(Australian Associated Press)
The size of a company’s carbon footprint has an identifiable – and negative – impact on its share price, a study by global asset manager AXA Investment Managers has found.
The study found that investors consistently implied a negative impact on share price due to the carbon dioxide output from a company, similar to other expenses.
Analysis by AXA IM’s quantitative equities manager Rosenberg Equities examined share prices of companies in relation to their carbon footprint to determine any contribution that investors assign to carbon.
‘The carbon considerations are baked into investors’ assessments.

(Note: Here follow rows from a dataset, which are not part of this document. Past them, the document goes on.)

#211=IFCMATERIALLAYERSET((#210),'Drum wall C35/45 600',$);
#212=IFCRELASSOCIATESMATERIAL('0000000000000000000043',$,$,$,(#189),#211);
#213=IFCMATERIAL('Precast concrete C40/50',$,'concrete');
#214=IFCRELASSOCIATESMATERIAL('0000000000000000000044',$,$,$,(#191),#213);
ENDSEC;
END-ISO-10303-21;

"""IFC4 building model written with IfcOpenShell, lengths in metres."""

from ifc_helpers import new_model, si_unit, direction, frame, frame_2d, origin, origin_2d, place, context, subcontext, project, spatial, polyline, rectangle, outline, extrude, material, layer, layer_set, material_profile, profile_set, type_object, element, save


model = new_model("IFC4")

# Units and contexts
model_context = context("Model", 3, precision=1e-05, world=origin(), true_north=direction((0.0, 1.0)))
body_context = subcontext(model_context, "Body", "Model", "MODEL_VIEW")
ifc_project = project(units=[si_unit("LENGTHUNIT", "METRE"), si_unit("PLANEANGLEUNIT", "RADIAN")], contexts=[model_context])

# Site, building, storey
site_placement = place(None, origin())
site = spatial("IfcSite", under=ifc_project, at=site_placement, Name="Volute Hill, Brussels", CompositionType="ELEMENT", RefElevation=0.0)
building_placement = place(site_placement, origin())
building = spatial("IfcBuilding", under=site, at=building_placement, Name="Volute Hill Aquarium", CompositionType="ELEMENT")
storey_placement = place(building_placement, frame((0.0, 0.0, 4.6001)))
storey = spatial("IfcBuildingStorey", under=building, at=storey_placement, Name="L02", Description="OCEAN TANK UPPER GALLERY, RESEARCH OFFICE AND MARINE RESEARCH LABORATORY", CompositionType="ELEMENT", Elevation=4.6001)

So, they expect to pay less for that company over time,” Rosenberg Equities’ director of investment strategy Kathryn McDonald said.

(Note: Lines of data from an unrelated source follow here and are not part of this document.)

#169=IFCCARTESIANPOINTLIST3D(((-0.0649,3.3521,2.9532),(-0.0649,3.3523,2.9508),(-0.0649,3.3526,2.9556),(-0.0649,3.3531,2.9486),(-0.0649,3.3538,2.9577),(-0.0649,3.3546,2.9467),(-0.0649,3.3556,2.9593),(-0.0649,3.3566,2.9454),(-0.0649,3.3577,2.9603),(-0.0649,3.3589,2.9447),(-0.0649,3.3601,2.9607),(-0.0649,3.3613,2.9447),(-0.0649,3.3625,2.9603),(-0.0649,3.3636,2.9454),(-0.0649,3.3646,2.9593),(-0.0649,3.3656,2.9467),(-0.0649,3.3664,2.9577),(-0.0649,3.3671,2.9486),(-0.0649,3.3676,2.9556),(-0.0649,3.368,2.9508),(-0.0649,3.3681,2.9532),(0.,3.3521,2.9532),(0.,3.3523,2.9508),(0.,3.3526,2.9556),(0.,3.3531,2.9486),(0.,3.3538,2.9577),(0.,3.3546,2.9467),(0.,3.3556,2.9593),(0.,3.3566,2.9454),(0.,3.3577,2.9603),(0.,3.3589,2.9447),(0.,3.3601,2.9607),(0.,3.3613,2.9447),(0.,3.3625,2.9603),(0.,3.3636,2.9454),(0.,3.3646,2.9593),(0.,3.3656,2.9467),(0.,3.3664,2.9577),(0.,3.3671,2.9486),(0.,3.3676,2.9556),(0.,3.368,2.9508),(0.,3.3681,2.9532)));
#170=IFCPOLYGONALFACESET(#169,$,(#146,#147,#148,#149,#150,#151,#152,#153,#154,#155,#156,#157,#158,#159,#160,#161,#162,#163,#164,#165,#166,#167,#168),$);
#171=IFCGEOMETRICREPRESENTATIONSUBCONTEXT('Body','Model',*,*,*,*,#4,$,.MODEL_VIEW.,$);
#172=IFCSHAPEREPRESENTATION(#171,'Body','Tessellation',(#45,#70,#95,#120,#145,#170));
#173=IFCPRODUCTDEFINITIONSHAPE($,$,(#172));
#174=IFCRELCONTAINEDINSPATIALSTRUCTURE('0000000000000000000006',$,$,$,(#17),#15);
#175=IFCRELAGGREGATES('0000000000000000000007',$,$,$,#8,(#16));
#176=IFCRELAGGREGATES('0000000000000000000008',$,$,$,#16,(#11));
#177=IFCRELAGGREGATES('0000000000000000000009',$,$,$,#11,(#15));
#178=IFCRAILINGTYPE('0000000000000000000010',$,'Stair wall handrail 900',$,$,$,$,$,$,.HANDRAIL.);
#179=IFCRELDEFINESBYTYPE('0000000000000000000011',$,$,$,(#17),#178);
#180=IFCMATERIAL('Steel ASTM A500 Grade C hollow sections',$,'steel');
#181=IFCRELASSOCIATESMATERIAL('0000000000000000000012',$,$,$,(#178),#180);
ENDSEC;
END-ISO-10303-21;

“This means that, all else being equal, a company’s valuations would be lower if its carbon footprint is higher.”
Investors appear to be already implicitly treating carbon as an expense, when it is modelled as an expense item, according to the analysis.

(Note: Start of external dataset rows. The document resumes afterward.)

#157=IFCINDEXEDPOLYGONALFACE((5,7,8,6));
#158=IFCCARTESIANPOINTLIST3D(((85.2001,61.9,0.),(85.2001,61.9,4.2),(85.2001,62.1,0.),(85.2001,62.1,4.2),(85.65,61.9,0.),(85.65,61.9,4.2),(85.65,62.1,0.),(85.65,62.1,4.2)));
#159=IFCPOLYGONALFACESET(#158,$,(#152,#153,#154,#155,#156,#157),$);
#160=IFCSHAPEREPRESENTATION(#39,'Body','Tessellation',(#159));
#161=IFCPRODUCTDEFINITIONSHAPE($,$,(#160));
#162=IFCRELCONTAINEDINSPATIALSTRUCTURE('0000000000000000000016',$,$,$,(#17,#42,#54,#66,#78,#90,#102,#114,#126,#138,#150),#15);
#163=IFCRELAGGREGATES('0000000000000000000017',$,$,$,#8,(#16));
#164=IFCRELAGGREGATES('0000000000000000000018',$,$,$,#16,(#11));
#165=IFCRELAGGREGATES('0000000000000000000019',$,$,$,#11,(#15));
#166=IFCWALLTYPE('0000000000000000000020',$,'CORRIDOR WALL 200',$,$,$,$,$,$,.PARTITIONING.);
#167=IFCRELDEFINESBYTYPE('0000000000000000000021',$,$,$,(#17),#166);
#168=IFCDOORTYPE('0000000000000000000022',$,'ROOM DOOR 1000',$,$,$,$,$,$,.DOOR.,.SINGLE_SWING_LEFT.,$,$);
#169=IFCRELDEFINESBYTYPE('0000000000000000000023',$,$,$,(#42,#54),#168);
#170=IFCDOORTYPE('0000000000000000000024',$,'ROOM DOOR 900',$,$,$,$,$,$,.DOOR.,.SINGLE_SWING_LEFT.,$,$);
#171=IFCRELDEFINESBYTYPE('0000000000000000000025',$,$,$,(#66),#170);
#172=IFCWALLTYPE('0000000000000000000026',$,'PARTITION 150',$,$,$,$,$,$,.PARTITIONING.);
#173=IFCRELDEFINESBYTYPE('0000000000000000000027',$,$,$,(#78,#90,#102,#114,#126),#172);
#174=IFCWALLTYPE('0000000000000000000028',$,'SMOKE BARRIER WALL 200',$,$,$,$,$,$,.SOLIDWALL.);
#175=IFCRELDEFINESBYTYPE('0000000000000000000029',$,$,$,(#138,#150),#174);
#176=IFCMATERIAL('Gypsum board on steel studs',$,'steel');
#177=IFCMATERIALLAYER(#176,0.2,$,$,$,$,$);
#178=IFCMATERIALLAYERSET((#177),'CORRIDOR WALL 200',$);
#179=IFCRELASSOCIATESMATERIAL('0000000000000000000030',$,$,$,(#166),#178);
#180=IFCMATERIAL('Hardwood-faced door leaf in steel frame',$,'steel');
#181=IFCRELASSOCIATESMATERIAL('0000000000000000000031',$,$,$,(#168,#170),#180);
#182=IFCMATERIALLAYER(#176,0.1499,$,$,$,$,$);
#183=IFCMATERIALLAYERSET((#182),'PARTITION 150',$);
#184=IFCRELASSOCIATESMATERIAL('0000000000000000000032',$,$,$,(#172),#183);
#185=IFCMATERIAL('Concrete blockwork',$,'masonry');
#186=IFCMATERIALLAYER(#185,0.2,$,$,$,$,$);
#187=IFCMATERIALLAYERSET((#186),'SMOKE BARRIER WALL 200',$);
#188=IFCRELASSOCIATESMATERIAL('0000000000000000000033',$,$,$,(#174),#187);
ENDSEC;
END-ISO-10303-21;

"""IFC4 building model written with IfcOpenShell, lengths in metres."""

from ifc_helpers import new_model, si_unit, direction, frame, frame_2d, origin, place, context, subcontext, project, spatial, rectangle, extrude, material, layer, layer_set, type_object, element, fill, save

“When we think about carbon, we can think about it as something companies can spend in pursuit of revenue,” Ms McDonald said.
“So, it can be thought of as part of their regular operating process, similar to a normal expense.”
The research was based on carbon data disclosures reported annually by US and Canadian companies over a roughly 10-year period ending May 2016.
The data relates to greenhouse gas emissions generated from burning fossil fuels and production processes owned or controlled by the company, plus emissions by its direct suppliers.
The analysis found that, over the entire period, the implied price for a tonne of carbon was about $10 on average, but varied at different points, reflecting changing investor sentiment.
The valuation was primarily skewed by three sectors – utilities, energy and materials.
Ms McDonald said the results of the study highlight that current methods of valuing the potential negative risk related to greenhouse gas emissions may be insufficient, as they miss the effect on share price.
Accounting for carbon as a line item in a company’s income statement allows investors to see the additional impact from carbon, she said.
This would imply that investors should give a ‘haircut’ to current valuations for companies with a big carbon footprint – such as coal producers.